Heck, throw in John 1:1 and you have yet another version of the creation story, one that I think particularly pertinent and resonant with Tolkien: "In the beginning was the Word, and the Word was with God, and the Word was God".

But I digress.

Quote:
It's interesting to me that he found, or sensed, that the best way to talk about the truths that he held so dear was to not talk about them, if you take my meaning. To portray the underlying truth without the trapping, or in a different trapping.
Misty Undy: I think this is what I was trying to get at myself when I wrote above about Tolkien's having given his story the 'odour' of the sacred, but you do it much better. Reading LotR always reminds me of a particular fish pond in Istanbul -- bear with me. The fish pond dates back to Persian Empire when it was said that the fish were sacred to the water deity of Asia Minor. Then Greece conquered the city, renamed it Byzantium, and the pond was full of fish sacred to Poseiden. The Greece fell to Rome, the city was once again renamed Constantinople and the fish were sacred to Neptune.
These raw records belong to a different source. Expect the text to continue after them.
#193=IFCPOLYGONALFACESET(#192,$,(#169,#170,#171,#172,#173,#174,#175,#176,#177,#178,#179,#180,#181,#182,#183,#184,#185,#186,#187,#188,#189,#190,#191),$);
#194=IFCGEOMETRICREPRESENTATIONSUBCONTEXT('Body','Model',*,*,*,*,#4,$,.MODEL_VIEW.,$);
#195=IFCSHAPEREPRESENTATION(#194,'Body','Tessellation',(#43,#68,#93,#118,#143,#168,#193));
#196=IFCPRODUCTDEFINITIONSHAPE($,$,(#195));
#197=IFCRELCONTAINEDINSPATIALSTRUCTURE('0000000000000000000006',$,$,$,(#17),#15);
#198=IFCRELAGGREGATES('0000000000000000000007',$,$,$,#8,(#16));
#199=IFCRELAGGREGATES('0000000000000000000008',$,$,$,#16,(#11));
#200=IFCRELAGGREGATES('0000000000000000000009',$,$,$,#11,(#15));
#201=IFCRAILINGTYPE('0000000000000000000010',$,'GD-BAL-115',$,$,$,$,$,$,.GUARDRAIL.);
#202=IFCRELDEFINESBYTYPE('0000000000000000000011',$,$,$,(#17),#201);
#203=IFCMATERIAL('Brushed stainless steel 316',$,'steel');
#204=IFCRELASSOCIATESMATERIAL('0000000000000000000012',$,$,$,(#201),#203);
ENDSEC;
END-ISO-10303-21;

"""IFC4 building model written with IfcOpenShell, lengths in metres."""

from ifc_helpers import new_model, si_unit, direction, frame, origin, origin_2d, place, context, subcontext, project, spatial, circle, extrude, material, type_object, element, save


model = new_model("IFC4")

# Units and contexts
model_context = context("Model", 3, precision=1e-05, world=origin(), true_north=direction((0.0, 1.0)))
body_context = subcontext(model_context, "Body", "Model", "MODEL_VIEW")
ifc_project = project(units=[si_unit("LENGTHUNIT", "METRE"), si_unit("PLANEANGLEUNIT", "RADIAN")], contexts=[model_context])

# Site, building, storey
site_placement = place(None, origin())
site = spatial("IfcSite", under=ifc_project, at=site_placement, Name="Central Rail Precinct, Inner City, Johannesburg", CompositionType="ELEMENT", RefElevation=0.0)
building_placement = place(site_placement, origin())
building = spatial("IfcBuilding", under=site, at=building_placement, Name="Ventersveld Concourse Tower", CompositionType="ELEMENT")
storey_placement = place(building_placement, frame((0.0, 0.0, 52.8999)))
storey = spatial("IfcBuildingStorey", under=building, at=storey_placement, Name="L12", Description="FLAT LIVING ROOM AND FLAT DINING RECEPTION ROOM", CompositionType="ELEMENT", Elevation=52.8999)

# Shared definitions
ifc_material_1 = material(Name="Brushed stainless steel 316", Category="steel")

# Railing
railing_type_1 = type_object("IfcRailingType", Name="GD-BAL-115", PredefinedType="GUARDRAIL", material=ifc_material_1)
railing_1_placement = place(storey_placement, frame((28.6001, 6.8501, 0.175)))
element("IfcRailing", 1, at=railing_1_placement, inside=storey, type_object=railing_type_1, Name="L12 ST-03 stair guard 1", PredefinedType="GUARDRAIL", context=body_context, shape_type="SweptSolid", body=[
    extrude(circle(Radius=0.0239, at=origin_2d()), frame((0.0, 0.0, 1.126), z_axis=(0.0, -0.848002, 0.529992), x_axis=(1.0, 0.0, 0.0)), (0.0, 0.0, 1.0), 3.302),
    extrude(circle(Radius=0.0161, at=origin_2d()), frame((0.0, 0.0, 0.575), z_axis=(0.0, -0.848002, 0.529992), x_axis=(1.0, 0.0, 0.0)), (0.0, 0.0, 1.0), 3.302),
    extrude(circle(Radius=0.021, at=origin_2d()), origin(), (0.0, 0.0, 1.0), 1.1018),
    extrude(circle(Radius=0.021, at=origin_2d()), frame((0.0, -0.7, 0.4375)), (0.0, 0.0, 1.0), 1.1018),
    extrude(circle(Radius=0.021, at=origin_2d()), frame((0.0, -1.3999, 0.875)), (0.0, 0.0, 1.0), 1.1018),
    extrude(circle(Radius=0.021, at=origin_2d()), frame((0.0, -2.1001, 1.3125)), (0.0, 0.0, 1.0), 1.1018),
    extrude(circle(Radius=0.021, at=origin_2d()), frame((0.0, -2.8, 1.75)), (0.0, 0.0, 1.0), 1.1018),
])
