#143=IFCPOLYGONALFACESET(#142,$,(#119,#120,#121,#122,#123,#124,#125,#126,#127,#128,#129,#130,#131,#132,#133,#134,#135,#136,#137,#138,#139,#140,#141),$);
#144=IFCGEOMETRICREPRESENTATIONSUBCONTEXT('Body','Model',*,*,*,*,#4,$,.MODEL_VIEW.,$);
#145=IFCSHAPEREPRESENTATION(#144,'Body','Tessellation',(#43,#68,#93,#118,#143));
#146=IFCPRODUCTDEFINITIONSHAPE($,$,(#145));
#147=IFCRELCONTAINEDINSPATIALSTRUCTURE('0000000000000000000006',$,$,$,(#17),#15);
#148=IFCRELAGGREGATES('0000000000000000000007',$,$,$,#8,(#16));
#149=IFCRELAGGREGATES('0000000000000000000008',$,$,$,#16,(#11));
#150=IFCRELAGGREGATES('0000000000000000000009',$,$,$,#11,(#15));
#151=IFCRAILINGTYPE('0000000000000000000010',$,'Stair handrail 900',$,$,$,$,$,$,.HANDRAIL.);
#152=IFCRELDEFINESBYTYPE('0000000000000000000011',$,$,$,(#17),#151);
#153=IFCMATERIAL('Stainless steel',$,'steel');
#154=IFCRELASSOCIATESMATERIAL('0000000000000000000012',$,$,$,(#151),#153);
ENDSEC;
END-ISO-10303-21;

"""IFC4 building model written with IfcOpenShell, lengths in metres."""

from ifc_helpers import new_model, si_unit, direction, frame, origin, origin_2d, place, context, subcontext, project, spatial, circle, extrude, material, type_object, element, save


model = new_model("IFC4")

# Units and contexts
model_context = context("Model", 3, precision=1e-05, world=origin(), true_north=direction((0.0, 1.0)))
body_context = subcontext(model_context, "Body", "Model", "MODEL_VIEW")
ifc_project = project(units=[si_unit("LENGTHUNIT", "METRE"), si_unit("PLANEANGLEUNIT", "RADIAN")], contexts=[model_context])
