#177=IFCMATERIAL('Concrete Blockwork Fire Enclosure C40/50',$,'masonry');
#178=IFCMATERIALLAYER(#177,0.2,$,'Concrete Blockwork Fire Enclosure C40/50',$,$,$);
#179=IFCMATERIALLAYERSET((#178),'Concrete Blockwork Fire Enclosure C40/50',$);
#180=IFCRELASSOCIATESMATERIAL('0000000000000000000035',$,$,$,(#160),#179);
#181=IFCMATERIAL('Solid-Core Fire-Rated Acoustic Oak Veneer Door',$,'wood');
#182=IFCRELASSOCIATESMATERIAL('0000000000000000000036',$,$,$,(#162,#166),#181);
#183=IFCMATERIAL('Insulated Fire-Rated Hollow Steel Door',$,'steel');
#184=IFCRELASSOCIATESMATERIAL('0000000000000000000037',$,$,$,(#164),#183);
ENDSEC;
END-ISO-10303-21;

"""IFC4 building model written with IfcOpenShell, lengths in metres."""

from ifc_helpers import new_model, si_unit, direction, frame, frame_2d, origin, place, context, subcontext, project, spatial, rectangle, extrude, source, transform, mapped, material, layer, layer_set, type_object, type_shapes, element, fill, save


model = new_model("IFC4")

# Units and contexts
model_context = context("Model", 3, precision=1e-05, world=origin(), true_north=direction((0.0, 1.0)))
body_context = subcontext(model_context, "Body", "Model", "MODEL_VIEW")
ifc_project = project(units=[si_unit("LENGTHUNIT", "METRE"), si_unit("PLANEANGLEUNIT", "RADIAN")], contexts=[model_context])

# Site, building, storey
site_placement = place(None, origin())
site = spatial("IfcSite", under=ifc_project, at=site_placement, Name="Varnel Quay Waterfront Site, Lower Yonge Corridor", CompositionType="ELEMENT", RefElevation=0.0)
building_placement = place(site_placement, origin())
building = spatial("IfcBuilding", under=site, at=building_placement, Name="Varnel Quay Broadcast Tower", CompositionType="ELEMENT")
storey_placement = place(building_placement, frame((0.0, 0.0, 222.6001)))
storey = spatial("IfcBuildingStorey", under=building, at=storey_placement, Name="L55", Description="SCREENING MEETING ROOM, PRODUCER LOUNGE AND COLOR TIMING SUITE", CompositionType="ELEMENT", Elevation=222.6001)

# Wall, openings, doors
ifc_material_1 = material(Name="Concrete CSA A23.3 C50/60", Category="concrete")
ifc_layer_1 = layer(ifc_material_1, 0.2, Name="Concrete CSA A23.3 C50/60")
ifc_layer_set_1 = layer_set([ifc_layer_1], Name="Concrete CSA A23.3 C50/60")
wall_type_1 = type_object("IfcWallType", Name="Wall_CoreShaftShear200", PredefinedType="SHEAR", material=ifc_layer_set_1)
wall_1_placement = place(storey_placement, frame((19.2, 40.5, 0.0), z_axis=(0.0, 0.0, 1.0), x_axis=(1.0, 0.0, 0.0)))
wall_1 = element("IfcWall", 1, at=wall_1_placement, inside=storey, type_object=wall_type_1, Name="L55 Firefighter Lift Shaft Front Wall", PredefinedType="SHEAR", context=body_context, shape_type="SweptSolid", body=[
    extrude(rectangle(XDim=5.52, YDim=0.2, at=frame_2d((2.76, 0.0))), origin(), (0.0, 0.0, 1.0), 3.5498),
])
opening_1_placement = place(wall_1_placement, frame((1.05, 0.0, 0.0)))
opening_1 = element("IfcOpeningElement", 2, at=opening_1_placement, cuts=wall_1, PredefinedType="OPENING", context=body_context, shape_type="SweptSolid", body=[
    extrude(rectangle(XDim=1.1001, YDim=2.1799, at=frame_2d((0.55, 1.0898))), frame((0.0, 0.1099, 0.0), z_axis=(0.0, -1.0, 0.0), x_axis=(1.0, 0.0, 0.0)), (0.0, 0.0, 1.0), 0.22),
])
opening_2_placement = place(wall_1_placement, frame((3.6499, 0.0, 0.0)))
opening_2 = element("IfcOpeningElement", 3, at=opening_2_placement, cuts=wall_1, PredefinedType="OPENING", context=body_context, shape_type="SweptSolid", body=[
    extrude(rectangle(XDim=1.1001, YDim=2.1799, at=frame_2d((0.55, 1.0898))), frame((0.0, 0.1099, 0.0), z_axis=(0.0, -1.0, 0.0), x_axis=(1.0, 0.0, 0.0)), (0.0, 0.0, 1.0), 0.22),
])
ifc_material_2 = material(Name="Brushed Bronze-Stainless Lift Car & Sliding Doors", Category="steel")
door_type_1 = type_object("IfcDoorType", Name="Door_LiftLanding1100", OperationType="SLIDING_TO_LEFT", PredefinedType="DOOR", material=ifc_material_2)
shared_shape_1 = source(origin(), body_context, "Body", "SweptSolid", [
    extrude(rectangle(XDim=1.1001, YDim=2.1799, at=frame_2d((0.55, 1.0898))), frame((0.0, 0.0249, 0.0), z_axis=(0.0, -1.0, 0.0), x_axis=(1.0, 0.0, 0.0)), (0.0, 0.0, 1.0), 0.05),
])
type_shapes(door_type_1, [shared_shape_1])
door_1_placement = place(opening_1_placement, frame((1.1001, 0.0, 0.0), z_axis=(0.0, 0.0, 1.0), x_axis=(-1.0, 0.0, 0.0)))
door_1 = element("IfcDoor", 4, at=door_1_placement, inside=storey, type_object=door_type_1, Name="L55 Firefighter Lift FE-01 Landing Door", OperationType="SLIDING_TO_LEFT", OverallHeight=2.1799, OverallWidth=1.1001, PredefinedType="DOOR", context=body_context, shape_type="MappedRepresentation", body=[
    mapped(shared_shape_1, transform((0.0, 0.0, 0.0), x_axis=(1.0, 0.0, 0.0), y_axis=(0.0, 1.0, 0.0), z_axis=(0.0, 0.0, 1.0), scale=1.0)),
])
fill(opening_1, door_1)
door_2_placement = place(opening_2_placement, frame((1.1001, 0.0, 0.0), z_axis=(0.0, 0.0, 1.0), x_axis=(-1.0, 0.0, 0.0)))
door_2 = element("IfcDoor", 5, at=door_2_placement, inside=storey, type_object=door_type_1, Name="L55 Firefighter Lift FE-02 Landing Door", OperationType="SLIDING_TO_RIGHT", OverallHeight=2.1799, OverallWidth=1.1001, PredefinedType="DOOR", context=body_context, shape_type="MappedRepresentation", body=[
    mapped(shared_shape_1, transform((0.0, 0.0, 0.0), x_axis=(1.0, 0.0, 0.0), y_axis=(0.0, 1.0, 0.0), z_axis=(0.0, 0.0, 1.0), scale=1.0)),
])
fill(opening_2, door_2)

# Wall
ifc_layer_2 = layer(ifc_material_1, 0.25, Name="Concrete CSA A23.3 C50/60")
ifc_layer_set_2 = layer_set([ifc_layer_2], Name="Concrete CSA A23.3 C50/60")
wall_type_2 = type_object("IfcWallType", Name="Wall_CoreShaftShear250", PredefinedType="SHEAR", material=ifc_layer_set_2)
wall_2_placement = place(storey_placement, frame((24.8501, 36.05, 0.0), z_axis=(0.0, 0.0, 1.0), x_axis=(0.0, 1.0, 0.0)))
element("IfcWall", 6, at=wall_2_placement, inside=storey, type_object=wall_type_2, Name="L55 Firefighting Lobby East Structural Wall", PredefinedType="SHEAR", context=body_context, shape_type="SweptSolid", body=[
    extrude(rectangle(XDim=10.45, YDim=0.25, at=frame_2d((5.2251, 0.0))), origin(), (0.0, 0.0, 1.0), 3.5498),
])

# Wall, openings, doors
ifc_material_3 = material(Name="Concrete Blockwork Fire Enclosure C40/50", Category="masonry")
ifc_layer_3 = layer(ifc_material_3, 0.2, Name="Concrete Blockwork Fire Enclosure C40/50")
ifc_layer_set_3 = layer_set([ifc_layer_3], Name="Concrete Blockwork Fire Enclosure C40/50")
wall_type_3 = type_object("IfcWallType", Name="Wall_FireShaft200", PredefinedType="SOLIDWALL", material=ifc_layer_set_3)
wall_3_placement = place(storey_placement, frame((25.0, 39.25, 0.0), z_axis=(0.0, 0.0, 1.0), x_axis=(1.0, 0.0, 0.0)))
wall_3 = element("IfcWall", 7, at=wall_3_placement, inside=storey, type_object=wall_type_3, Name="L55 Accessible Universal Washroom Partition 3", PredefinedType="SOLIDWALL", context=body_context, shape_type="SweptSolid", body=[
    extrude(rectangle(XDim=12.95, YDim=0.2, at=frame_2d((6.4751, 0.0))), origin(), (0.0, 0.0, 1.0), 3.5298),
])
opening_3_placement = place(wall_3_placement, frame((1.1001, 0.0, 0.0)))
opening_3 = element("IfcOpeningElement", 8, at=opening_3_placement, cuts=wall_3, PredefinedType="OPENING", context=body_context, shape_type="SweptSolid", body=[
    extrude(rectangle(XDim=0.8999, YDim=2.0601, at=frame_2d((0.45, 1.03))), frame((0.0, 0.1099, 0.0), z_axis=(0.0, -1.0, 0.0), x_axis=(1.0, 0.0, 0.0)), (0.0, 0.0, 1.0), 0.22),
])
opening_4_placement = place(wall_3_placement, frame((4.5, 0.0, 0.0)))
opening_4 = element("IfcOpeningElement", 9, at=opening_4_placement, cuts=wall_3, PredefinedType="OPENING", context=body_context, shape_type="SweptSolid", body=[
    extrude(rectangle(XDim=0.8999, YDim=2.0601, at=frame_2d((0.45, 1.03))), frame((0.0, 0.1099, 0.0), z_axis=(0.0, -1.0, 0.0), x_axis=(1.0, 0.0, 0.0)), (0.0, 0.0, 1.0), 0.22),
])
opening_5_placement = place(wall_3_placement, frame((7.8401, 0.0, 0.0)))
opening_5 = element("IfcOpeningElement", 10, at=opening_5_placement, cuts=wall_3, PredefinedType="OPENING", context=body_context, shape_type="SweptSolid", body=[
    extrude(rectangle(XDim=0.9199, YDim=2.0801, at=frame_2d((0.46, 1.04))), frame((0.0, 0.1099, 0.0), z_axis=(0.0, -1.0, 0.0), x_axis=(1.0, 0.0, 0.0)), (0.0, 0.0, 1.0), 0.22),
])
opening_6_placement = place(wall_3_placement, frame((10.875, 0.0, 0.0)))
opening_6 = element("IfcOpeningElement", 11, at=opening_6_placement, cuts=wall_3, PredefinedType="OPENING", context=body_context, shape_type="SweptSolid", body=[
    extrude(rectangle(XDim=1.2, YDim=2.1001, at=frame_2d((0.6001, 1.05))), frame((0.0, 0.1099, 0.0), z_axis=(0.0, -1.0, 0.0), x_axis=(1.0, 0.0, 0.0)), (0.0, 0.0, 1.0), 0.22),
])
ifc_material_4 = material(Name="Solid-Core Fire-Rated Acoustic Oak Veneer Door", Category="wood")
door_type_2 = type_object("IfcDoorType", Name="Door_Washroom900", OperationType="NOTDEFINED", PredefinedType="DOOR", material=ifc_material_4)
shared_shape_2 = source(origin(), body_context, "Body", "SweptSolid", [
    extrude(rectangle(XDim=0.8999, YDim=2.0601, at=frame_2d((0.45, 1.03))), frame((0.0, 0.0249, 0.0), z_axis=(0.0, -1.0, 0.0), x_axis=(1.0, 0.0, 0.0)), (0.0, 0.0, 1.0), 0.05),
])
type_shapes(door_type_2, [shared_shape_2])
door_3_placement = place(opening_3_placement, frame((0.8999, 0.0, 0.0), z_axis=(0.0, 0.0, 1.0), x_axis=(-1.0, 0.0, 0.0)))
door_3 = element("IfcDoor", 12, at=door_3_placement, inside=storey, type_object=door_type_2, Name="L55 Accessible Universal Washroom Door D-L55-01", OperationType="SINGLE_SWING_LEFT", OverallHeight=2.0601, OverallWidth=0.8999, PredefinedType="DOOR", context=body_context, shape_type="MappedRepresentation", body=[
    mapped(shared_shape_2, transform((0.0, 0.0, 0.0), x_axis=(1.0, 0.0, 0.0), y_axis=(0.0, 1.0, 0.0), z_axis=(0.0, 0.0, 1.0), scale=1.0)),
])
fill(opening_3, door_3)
Then Rome became Christian and the fish were the descendants of those caught by the apostles and which Christ had used for his miracle of the loaves and the fishes. Then the Ottomans conquered the city, renamed it Istanbul, and the fish suddenly lived in a pond that had been created by a miracle of Allah... The point being that even though different beliefs and creeds have come and gone, that particular place (which is quite beautiful) has throughout the millenia maintained a sense of sacredness. The people who have claimed it may have disagreed as to which god or God it was who had sanctified the place, but they all agreed that it was a holy place.

Middle-Earth seems to me to be very much that kind of a place.